The United Nations is calling for all migrant detention centers in Libya to be shut down following last week’s airstrike on one centre that killed more than 50 refugees and migrants.
Around 120 migrants were at the Tajoura Detention Centre when it was hit on July 3, killing both women and children. A UN official said the attack could constitute a war crime.
The UN says that these “awful” detention centers are not safe for migrants, many of whom are African refugees who were caught by the Libyan Coast Guard in the Mediterranean Sea and locked up.

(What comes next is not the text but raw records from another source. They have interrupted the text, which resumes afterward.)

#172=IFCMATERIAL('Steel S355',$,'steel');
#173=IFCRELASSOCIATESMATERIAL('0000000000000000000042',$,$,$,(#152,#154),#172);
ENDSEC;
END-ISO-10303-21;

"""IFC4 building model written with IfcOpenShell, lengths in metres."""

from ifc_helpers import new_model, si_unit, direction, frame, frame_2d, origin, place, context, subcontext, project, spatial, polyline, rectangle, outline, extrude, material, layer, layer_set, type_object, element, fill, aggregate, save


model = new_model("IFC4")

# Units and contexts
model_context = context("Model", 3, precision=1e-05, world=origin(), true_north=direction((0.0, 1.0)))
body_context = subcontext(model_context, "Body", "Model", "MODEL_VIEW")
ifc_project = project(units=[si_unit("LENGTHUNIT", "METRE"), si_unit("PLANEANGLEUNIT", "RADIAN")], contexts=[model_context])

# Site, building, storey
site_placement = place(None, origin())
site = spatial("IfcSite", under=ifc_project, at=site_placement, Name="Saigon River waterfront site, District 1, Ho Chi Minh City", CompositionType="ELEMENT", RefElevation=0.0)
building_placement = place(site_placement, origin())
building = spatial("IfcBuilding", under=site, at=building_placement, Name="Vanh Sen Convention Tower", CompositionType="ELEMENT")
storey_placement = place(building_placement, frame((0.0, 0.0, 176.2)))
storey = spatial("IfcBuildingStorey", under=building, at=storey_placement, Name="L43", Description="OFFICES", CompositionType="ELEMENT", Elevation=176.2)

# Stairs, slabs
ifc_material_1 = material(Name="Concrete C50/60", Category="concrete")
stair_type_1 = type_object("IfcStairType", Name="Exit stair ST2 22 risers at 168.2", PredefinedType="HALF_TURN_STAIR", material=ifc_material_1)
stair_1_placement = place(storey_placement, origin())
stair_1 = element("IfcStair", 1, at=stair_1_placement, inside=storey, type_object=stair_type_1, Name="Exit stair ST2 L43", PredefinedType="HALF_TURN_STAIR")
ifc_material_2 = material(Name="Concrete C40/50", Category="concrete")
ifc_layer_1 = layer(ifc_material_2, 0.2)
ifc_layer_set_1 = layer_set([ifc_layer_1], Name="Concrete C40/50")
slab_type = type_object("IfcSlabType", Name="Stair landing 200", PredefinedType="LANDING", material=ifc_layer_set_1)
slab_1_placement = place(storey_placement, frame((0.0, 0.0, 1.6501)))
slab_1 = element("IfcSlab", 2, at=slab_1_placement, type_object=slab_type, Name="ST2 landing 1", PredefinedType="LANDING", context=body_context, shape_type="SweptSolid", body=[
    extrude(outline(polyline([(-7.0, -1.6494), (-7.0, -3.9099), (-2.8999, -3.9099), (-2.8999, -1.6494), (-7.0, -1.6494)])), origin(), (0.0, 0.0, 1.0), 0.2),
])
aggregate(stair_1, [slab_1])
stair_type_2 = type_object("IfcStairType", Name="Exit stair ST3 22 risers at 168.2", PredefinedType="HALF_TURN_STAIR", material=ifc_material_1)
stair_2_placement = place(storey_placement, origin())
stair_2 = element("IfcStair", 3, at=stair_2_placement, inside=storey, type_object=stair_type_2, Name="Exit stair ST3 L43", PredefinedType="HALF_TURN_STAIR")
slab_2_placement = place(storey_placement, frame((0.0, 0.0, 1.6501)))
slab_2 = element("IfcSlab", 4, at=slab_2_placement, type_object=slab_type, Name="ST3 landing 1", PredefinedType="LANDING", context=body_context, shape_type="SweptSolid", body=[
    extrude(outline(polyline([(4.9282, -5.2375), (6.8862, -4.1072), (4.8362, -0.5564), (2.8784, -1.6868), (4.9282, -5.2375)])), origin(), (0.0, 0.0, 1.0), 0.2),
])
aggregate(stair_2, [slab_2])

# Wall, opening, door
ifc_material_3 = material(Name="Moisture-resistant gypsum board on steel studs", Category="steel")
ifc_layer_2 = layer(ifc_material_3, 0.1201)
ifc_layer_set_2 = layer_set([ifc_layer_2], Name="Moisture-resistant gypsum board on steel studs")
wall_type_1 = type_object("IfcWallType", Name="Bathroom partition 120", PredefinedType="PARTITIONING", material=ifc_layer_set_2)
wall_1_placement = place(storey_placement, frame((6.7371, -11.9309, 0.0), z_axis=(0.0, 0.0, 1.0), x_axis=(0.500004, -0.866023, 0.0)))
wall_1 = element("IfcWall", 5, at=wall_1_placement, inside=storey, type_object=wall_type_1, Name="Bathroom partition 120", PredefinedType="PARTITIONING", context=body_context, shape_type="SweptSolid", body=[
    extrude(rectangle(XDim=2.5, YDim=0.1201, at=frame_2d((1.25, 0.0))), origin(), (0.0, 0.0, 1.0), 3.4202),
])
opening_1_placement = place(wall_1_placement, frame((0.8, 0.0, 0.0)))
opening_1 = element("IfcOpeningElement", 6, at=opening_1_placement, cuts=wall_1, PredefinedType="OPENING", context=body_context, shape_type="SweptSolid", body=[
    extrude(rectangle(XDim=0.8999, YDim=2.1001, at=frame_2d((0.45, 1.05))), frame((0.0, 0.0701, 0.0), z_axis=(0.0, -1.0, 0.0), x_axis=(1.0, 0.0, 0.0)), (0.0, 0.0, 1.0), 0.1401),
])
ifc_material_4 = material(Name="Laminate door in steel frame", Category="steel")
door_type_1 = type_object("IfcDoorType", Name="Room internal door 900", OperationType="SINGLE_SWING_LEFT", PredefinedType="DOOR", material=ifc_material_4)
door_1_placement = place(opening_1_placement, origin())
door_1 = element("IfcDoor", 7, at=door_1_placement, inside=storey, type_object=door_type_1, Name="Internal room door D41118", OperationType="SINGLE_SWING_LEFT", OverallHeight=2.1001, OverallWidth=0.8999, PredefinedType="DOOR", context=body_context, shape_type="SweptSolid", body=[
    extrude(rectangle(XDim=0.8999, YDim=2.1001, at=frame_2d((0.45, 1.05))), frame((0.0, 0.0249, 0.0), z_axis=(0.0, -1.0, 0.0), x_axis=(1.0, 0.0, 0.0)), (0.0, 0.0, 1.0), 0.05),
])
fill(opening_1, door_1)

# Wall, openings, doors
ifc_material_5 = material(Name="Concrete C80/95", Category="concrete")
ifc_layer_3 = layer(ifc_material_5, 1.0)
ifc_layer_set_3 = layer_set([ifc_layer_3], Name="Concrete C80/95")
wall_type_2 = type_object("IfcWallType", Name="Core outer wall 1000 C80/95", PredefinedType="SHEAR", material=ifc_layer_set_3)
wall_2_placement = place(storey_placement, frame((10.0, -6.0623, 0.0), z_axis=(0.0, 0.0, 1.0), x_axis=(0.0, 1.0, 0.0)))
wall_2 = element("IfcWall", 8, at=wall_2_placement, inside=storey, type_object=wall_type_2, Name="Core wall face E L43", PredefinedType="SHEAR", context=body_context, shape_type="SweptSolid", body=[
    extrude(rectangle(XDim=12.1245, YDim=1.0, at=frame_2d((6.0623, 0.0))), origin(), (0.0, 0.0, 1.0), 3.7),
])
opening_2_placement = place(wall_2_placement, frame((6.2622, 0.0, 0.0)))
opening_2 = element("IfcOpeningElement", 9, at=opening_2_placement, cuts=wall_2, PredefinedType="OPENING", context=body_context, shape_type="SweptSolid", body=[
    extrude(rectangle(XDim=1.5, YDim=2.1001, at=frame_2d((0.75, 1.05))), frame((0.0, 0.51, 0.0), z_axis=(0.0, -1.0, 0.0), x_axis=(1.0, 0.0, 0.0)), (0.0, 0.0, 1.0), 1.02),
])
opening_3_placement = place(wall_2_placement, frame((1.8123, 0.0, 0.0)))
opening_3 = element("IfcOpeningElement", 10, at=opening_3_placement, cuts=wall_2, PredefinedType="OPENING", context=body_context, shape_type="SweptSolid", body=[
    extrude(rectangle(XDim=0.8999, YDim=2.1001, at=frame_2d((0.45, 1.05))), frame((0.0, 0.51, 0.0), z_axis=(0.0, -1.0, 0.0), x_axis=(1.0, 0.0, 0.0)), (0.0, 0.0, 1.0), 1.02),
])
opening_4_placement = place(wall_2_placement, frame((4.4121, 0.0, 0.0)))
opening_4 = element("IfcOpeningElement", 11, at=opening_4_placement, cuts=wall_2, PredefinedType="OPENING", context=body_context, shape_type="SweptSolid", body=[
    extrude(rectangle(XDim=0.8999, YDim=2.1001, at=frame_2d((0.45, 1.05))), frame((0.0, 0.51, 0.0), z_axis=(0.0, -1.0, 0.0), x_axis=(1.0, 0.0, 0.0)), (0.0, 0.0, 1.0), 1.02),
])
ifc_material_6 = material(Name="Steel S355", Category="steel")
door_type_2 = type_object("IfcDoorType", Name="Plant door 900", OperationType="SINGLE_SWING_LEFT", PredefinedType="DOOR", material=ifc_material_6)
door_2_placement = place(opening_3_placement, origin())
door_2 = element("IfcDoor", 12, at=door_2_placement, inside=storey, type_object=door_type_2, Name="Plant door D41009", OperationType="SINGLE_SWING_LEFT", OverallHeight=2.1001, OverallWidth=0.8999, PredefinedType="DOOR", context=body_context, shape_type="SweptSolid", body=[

These detention facilities have been linked to documented cases of human trafficking, forced labour, and disappearances.
Separately, in response to the airstrike Amnesty International, Human Rights Watch, and the European Council on Refugees and Exiles put out a call for the EU to help evacuate migrants from Libya’s detention centers.
They are urging European Union foreign ministers meeting at the Foreign Affairs Council in Brussels on Monday July 15 to call on Libyan authorities to shut the facilities.
“The horrific attack on the Tajoura detention centre last week has once more showed the mortal danger that women, men and children locked up in Libya are exposed to,” explained Matteo de Bellis, a researcher on migration and asylum at Amnesty International.
“Rather than keeping their eyes closed in the face of the inhuman conditions, torture, rape and other abuse refugees and migrants face in Libya’s detention centres, EU governments should urgently set up safe routes out of Libya for them, and ensure that people rescued in the central Mediterranean are not returned to Libya.” More migrants have been moved to a detention centre in Libya’s capital, despite a risk it could be hit again which led to survivors being evacuated, Medecins Sans Frontieres (MSF) said on Friday.
Around 95 migrants were moved to the Tajoura centre in Tripoli on Thursday, some rounded up in the local community and others transferred from another detention centre in the city, the aid group said.
Earlier in the week migrants left at the centre after the July 3 bombing − some of whom were sleeping in the open for fear of another strike − were either released or evacuated, following appeals from the United Nations.
An official at the Tajoura centre who asked not to be named said that following the evacuations, “we have resumed work and started receiving more (migrants).”
He declined to give more details.
The centre was hit as forces loyal to eastern-based commander Khalifa Haftar intensified their efforts to wrest control of Tripoli from forces aligned with the internationally recognised government, which is based in the capital.
The fighting is the latest escalation in a conflict that developed after former leader Muammer Gaddafi was toppled in a Nato-backed uprising in 2011.
People smugglers exploited the turmoil to send hundreds of thousands of migrants on dangerous journeys across the central Mediterranean, though the number of crossings dropped sharply from 2017 amid an EU-backed push to block departures.
Libyan National Army (LNA) launched an offensive on Tripoli in early April, which soon stalled. The fighting has left more than 1,000 dead, including more than 100 civilians, according to the World Health Organisation.
Migrant detention centres are nominally under the government but often controlled by armed groups. Aid workers and rights groups say abuse including beating and forced labour is rife, and have long appealed for their closure.
But the centres have continued to operate, repeatedly caught in the crossfire of fighting whilst receiving new arrivals from boats intercepted by Libya’s EU-backed coastguard. The Tajoura centre, which is next to a miliary camp, was also hit by a projectile in May.
The United Nations said last week it had information that guards had shot at migrants at Tajoura as they tried to flee the air strike. The interior ministry in Tripoli denied the report.
This week, 419 migrants, including around 90 who had just been intercepted at sea, left the Tajoura centre for a facility run by the U.N. refugee agency. It tries to evacuate refugees and asylum seekers from Libya, though the process is slow.
Sam Turner, MSF’s Libya head of mission, said it was an “outstanding contradiction” for migrants to be released from the centre in recognition that it was not safe, only for more to be brought in days later.